Development and validation of a UHPLC-MS/MS method for the quantitative analysis of trans-ISRIB in human plasma
The integrated stress response (ISR) is a crucial cellular defense mechanism activated under various stress conditions, leading to a reduction in global protein synthesis to maintain cellular homeostasis. Trans-integrated stress response inhibitor (trans-ISRIB) has emerged as a promising therapeutic candidate for neurodegenerative diseases by counteracting ISR-induced translational repression. However, its clinical and preclinical evaluation requires a sensitive and reliable analytical method for its quantification in biological matrices.

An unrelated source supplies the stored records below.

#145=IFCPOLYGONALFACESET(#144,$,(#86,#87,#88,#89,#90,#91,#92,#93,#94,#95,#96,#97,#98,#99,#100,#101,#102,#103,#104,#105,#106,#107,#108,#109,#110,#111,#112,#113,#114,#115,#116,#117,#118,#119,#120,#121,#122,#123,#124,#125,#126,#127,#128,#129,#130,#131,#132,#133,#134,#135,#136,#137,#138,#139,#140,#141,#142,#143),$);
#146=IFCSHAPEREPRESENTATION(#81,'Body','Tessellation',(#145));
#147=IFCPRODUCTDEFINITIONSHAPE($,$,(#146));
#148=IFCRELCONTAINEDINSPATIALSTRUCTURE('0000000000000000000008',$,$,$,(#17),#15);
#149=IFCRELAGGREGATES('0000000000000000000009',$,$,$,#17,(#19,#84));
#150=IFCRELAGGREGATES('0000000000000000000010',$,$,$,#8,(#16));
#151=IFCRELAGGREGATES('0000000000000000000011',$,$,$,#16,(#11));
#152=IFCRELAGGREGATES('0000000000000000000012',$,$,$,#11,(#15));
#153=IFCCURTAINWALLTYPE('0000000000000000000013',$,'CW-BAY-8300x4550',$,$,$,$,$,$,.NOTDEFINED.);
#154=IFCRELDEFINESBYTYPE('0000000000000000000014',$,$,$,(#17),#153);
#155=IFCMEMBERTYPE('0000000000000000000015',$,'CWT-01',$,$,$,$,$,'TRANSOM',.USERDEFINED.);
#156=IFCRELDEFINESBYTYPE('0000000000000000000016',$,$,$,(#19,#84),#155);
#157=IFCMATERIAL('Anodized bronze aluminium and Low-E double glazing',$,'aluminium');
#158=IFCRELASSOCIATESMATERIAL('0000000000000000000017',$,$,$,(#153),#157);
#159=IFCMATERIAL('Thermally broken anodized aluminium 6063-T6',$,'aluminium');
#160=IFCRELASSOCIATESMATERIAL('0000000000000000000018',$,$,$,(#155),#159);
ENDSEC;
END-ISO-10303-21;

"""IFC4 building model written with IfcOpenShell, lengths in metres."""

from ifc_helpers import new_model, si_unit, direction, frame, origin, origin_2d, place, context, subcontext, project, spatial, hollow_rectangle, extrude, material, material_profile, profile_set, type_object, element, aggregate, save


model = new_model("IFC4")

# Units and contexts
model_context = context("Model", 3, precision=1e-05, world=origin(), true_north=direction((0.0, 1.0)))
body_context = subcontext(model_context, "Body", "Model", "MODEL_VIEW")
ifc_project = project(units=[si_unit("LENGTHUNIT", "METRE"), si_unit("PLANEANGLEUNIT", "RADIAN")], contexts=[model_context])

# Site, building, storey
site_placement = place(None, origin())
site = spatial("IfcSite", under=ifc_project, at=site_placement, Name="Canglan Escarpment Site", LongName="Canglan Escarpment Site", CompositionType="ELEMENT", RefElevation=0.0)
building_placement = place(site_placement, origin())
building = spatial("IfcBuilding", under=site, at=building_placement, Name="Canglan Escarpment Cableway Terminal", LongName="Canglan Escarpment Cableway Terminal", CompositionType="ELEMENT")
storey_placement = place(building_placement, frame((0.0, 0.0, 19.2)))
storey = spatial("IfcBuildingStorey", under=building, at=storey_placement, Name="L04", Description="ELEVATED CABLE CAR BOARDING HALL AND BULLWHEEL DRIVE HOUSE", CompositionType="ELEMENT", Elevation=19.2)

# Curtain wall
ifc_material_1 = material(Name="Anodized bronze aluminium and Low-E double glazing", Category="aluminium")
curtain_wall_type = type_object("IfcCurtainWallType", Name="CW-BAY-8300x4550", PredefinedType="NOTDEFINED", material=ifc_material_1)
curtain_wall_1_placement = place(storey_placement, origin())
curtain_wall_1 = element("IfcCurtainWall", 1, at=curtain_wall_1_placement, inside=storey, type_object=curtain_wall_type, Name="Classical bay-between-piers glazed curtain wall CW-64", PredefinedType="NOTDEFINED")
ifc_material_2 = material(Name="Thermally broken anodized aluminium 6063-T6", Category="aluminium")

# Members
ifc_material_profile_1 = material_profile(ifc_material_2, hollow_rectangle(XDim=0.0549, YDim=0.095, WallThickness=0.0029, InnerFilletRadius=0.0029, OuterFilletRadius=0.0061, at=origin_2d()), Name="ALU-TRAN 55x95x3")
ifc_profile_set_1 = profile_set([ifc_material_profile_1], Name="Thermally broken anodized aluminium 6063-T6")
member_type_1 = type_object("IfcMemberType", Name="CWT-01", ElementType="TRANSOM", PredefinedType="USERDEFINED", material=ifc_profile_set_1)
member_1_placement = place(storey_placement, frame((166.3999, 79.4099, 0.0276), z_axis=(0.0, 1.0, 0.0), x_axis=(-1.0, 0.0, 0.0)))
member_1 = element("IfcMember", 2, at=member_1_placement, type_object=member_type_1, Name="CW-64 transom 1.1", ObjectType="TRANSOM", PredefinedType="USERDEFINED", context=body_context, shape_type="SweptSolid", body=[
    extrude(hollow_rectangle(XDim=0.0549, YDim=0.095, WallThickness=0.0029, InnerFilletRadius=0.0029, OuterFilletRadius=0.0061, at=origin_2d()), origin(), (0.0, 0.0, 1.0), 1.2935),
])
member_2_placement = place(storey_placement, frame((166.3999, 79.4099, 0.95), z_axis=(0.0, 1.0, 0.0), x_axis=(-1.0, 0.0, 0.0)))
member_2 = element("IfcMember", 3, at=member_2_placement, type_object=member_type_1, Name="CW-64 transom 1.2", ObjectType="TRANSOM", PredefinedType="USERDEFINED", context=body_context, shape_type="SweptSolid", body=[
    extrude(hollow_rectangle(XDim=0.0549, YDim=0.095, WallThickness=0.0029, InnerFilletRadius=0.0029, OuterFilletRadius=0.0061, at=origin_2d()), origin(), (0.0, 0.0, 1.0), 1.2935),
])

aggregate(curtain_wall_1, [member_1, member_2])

This study presents the development and validation of an ultra-high performance liquid chromatography-tandem mass spectrometry (UHPLC-MS/MS) method for the quantitative analysis of trans-ISRIB in human plasma, adhering to the U.S. FDA’s bioanalytical method validation guidelines. The analytical workflow incorporates a liquid-liquid extraction technique for sample preparation, where plasma samples are spiked with an internal standard (IS) to enhance analytical accuracy. Extracted samples are then dried under nitrogen, reconstituted in a mobile phase, and subjected to chromatographic separation on a Waters XSelect HSS T3 column under isocratic conditions. The mobile phase consists of 0.1% acetic acid in a 70% methanol aqueous solution, with a flow rate of 0.500 mL/min.

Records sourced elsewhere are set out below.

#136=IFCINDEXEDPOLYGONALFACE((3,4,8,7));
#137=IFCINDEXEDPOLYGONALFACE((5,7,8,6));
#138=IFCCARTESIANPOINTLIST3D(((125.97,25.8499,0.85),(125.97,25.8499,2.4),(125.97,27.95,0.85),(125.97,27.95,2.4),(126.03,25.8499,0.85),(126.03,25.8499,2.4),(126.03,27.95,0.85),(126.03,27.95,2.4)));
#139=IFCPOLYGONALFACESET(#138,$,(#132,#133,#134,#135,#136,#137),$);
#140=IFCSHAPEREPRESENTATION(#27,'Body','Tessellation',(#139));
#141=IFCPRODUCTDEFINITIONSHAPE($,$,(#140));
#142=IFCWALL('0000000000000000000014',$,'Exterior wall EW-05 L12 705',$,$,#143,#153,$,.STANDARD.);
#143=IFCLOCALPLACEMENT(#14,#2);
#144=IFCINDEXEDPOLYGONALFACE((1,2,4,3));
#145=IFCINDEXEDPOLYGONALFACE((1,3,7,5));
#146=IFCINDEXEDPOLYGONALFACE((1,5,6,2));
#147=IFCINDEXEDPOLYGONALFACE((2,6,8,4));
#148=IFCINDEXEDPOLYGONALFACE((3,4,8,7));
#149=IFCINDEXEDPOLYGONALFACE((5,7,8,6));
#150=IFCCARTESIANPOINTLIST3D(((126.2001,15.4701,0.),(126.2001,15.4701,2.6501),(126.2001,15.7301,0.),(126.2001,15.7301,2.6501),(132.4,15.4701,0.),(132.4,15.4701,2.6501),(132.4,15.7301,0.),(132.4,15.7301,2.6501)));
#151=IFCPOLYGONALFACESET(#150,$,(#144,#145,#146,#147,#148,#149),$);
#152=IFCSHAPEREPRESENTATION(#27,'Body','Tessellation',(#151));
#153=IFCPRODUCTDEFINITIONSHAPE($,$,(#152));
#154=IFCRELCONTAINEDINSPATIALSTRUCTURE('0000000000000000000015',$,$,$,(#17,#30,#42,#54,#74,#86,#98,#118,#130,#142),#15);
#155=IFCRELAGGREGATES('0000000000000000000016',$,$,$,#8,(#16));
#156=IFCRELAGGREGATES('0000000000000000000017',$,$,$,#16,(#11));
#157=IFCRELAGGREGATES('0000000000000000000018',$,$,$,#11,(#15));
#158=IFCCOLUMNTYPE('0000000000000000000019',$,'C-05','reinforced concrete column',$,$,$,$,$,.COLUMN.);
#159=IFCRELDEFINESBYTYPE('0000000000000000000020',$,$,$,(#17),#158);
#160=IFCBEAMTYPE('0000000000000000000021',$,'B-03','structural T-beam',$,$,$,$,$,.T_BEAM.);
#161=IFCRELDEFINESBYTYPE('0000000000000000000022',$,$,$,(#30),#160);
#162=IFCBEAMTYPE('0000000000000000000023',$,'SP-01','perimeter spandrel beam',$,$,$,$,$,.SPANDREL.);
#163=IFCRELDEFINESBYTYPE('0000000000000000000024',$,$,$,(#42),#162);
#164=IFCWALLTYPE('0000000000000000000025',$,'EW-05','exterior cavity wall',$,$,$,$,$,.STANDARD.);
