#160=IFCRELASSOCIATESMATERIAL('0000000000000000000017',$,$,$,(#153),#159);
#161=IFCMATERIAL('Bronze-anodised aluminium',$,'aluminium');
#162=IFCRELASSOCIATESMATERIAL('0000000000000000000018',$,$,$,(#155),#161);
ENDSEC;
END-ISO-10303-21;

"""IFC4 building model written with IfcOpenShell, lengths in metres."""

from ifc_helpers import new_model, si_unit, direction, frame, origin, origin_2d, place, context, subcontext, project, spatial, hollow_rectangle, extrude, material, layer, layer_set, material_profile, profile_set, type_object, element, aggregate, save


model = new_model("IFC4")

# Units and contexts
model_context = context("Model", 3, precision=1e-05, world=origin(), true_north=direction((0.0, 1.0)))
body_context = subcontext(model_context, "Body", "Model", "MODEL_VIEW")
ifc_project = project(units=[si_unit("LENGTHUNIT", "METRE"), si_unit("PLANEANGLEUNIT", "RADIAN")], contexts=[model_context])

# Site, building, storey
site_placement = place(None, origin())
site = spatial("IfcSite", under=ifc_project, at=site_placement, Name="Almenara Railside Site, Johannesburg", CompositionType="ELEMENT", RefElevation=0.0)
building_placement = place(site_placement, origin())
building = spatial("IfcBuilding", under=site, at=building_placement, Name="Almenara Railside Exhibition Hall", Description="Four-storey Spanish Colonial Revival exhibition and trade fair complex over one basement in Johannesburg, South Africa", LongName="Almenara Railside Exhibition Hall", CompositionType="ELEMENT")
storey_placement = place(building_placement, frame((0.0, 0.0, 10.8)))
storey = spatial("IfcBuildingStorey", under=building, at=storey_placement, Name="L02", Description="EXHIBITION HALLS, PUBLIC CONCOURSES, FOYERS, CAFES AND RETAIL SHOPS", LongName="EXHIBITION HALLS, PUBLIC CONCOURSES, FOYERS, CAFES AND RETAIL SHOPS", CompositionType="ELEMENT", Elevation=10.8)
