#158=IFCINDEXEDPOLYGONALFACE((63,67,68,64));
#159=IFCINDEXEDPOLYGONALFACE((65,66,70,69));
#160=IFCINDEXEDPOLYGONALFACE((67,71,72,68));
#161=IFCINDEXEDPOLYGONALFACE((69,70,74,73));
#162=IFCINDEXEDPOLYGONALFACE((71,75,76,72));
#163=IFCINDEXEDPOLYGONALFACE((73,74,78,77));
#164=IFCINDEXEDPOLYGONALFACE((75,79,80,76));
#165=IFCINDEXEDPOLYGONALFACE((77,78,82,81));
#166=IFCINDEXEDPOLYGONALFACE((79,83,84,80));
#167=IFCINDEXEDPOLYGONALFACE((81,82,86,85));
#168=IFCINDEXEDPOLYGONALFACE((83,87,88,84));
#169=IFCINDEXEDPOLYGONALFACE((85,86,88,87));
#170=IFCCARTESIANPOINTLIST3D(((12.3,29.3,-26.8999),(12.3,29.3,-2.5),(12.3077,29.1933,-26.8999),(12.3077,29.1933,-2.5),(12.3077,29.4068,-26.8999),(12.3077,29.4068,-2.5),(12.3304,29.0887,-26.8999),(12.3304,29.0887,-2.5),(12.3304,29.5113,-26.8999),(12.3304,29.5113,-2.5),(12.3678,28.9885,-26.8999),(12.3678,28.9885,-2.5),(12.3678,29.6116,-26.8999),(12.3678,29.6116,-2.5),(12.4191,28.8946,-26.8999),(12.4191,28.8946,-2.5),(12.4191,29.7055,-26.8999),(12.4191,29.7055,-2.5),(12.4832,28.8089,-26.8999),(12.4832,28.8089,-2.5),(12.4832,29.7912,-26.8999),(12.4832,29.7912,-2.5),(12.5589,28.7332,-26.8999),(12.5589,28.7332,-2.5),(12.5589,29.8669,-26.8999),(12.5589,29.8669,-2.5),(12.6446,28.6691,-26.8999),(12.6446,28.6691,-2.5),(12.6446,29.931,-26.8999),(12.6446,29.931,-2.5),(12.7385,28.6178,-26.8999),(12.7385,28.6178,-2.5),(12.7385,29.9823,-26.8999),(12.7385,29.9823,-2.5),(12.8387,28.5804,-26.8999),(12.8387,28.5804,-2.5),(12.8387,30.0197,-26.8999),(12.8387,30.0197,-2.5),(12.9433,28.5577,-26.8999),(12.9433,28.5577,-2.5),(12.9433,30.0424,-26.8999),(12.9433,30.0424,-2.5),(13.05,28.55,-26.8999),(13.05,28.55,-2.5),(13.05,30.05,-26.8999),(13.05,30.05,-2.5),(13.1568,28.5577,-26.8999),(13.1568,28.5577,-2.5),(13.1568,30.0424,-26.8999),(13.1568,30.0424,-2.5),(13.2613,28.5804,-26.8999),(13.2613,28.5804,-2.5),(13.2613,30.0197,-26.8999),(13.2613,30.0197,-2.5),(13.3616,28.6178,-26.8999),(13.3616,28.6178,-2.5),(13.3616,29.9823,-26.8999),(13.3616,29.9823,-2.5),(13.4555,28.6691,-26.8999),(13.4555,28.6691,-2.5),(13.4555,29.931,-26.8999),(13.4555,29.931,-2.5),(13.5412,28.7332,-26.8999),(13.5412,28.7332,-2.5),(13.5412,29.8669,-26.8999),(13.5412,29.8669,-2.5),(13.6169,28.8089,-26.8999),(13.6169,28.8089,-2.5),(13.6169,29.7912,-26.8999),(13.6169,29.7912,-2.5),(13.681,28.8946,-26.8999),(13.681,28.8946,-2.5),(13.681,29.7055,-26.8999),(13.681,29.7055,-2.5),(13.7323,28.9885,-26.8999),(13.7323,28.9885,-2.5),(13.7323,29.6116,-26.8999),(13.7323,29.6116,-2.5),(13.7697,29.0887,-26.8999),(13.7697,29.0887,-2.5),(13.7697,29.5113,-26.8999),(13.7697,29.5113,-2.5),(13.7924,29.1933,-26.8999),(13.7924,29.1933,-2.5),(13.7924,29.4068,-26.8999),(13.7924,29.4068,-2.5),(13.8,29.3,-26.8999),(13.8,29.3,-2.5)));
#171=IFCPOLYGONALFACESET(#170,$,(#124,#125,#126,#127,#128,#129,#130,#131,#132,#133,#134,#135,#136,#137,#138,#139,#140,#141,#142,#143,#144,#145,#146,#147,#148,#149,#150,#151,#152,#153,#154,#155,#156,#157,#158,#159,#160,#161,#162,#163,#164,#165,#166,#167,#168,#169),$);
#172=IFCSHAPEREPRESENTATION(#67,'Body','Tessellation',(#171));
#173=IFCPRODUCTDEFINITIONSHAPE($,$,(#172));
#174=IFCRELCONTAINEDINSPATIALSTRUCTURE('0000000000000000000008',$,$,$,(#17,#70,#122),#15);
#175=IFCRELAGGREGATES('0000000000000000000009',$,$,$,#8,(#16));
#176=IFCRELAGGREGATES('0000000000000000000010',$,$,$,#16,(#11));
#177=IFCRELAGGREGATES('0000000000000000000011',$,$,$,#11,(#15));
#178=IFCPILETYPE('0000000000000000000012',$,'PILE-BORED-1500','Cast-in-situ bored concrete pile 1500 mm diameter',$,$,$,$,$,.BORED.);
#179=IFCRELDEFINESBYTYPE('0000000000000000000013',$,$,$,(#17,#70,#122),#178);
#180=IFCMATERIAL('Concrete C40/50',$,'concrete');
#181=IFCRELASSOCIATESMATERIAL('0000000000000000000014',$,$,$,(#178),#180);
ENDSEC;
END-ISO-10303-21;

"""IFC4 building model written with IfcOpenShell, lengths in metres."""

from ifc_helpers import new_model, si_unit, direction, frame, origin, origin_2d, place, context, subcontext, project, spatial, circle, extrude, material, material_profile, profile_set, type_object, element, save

Detection and quantification are performed using a tandem mass spectrometer equipped with a positive electrospray ionization (ESI+) source, operating in multiple-reaction-monitoring (MRM) mode. The method demonstrates a linear calibration range spanning 0.500 to 1.00 × 10³ nM for trans-ISRIB, exhibiting high specificity, precision, accuracy, and recovery. This validated UHPLC-MS/MS method fills a critical analytical gap, providing a robust and reliable approach for trans-ISRIB quantification in human plasma, which is essential for its further pharmacokinetic and clinical studies.